Points and point clouds

Above we explained how a pose can act on another pose. It is also possible for a pose to act on a point in $\mathbb{R}^3$. To see how, note that for poses a and b, the position of the product, (a * b).pos, does not depend on b.orientation. Therefore it is valid to define, for any a::Pose and any $\texttt{bpos} ∈ \mathbb{R}^3$,

a * bpos := (a * Pose(bpos, orn)).pos

where orn is any orientation (and its value does not affect the result).

In words, a * bpos is the coordinates in the world frame of the vector whose coordinates in the frame represented by a are bpos.

From this it's straightforward to see that the usual associativity law holds:

a * (b * cpos) = (a * b) * cpos

Therefore pose–point multiplication is indeed a group action of $G$ on $\mathbb{R}^3$.

This package implements both Pose * point and a vectorized version, Pose * pointcloud, where pointcloud is a $3 × N$ matrix in which each column represents a point:

julia> Pose([1, 2, 3], RotZYX(0.4, 0.5, 0.6)) * @SVector([7, 8, 9])

3-element StaticArrays.SArray{Tuple{3},Float64,1,3} with indices SOneTo(3):
 11.340627918648092
  8.023198113213361
 10.126885626769848

julia> Pose([1, 2, 3], RotZYX(0.4, 0.5, 0.6)) * [7  10  13  16;
                                                 8  11  14  17;
                                                 9  12  15  18]

3×4 Array{Float64,2}:
 11.3406  15.3024  19.2641  23.2258
  8.0232  10.5473  13.0714  15.5955
 10.1269  12.3481  14.5693  16.7904

Second group structure: direct product of position and orientation

The composition operation described above and denoted by * is useful when manipulating chains of relative poses, which commonly occur in scene graphs. We now define a second group structure on the set of Poses: the direct product $\mathbb{R}^3 × SO_3(\mathbb{R})$. We denote the group operation in this second structure by , and it means "add the positions and (separately) compose the orientations." This operation models inertial motion, where an object has separate translational and rotational velocities:

\[\begin{aligned} \mathbf{x} &= \mathbf{x}_0 + Δ\mathbf{x} \\ \boldsymbol{ω} &= \boldsymbol{ω}_0 \cdot Δ\boldsymbol{ω} \end{aligned}\]

or simply

pose1 = pose0 ⊗ Δpose

This second group operation is implemented via the following infix operators:

  • Multiplication: pose1 ⊗ pose2 ($\LaTeX$: \otimes)
  • Right-division: pose1 ⊘ pose2 ($\LaTeX$: \oslash)
  • Left-division: pose1 ⦸ pose2 ($\LaTeX$: \obslash)

The direct product structure is useful for performing computations that treat translational and rotational components separately, such as computing the pose of a moving object by integrating its velocity. The translational and rotational components of the velocity are integrated separately – in differential geometry terms, motion is governed by the exponential map on the Lie algebra of $\mathbb{R}^3 × SO_3(\mathbb{R})$, not the Lie algebra of $SE_3$.

Inter/Extrapolation, a.k.a. stepping time forward a fractional number of times

One nice property of the direct product (and its physical application of integrating a velocity) is that there is a straightforward analogue of the physics 101 equation

\[\mathbf{x} = \mathbf{x}_0 + t \mathbf{v}\]

where $\mathbf{x}_0$ is the initial displacement of an object, $t$ is time, and $\mathbf{v}$ is the object's velocity, which is assumed to stay constant. That analogue is

pose = pose0 ⊗ interp(v, t)

where pose, pose0 and v are Poses, and t is a Real.
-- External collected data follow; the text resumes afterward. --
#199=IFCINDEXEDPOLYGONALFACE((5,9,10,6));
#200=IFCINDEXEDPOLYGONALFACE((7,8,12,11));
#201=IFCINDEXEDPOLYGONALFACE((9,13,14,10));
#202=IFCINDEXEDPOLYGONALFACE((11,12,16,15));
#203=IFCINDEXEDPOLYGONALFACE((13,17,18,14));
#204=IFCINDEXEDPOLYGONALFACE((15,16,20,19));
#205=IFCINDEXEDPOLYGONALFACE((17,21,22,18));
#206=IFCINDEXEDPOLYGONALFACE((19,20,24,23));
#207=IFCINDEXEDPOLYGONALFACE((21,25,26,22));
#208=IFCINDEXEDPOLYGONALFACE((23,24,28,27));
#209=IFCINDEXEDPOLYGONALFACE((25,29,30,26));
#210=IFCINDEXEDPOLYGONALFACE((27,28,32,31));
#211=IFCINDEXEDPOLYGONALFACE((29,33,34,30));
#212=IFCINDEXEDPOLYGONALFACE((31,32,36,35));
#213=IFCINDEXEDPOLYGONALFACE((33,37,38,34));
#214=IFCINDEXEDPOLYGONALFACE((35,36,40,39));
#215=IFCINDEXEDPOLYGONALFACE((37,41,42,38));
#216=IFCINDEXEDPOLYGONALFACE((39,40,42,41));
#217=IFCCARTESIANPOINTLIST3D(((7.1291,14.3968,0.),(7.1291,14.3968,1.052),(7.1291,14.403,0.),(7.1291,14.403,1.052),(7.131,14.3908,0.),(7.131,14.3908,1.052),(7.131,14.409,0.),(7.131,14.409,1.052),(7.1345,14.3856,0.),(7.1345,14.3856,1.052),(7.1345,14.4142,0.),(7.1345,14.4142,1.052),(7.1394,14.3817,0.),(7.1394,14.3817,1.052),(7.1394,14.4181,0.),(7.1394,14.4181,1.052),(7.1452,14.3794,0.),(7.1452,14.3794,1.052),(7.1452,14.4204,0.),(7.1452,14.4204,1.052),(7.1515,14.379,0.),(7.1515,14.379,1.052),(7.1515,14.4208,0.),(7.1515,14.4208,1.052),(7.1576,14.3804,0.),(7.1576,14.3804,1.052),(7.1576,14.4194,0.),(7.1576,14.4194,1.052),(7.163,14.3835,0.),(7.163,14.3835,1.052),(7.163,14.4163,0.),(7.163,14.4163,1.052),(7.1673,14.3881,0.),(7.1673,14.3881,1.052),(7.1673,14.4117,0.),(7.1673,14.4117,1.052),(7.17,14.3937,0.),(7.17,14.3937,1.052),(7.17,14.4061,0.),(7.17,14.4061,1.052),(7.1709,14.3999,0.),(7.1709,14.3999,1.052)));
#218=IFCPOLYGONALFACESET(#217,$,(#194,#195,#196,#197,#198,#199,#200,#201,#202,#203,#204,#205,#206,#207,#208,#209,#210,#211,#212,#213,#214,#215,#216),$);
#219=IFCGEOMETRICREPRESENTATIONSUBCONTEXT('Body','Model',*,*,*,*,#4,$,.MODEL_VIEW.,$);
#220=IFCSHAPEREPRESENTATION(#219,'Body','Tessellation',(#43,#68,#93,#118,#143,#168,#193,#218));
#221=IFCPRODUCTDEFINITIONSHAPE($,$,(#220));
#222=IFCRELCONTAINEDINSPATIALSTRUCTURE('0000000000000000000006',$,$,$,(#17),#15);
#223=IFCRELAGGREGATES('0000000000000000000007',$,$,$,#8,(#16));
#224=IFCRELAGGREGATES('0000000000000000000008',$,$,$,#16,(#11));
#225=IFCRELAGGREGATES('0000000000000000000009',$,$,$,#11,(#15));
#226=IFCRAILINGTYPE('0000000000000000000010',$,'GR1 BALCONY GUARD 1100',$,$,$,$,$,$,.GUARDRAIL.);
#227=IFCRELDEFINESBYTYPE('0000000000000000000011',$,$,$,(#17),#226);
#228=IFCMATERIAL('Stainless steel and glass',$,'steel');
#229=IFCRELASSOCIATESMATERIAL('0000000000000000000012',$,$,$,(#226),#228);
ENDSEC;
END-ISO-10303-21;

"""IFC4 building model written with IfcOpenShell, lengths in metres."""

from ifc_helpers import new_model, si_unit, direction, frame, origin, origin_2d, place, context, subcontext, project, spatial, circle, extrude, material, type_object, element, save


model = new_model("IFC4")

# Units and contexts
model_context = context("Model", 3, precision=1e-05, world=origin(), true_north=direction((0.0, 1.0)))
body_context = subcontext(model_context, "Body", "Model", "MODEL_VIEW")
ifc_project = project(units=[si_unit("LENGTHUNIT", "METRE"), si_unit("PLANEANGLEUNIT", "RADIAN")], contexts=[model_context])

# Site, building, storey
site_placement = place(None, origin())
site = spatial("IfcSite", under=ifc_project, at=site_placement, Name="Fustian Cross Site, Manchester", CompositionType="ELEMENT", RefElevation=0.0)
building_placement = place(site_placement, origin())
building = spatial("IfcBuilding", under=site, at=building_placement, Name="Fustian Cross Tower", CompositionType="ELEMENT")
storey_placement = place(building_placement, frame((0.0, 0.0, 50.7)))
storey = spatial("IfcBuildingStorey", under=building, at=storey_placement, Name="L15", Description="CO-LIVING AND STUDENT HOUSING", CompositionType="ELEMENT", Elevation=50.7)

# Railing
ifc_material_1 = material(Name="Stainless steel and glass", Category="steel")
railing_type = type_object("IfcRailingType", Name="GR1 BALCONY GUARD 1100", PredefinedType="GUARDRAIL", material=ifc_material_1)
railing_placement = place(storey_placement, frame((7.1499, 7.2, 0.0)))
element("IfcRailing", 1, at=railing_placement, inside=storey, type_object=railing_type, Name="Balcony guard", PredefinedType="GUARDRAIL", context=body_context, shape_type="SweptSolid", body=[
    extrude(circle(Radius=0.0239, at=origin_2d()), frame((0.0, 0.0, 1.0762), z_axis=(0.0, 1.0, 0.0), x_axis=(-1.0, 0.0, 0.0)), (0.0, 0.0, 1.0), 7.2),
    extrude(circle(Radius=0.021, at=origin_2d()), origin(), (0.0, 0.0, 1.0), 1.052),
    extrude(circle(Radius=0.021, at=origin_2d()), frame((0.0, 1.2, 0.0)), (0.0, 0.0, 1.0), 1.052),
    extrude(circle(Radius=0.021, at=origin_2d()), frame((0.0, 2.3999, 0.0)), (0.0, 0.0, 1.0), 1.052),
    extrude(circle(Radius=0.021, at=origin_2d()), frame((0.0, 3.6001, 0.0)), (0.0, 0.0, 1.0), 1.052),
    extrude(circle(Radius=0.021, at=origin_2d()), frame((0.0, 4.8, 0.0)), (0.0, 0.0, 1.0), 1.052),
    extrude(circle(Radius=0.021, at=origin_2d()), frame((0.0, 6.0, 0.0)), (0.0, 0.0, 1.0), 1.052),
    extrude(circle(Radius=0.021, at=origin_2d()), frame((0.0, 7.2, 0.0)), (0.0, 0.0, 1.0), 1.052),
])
The function interp defines how to interpolate between doing nothing and translating by v.pos (namely, scalar multiplication) and how to interpolate between doing nothing and applying the rotation v.orientation (namely, SLERP).

There is also a variant of interp that takes two pose arguments and interpolates between them:

pose = interp(pose0, pose1, t)

which is equivalent to

pose = pose0 ⊗ interp(pose0 ⦸ pose1, t)

In particular, we have pose = pose0 when t = 0 and pose = pose1 when t = 1.

  • 1In code, elements of $G$ whose orientation is represented as a Rotations.QuatRotation (as opposed to some other subtype of Rotations.Rotation{3}) remember their sign (q and -q are considered equal by Base.:==, but their fields are not equal).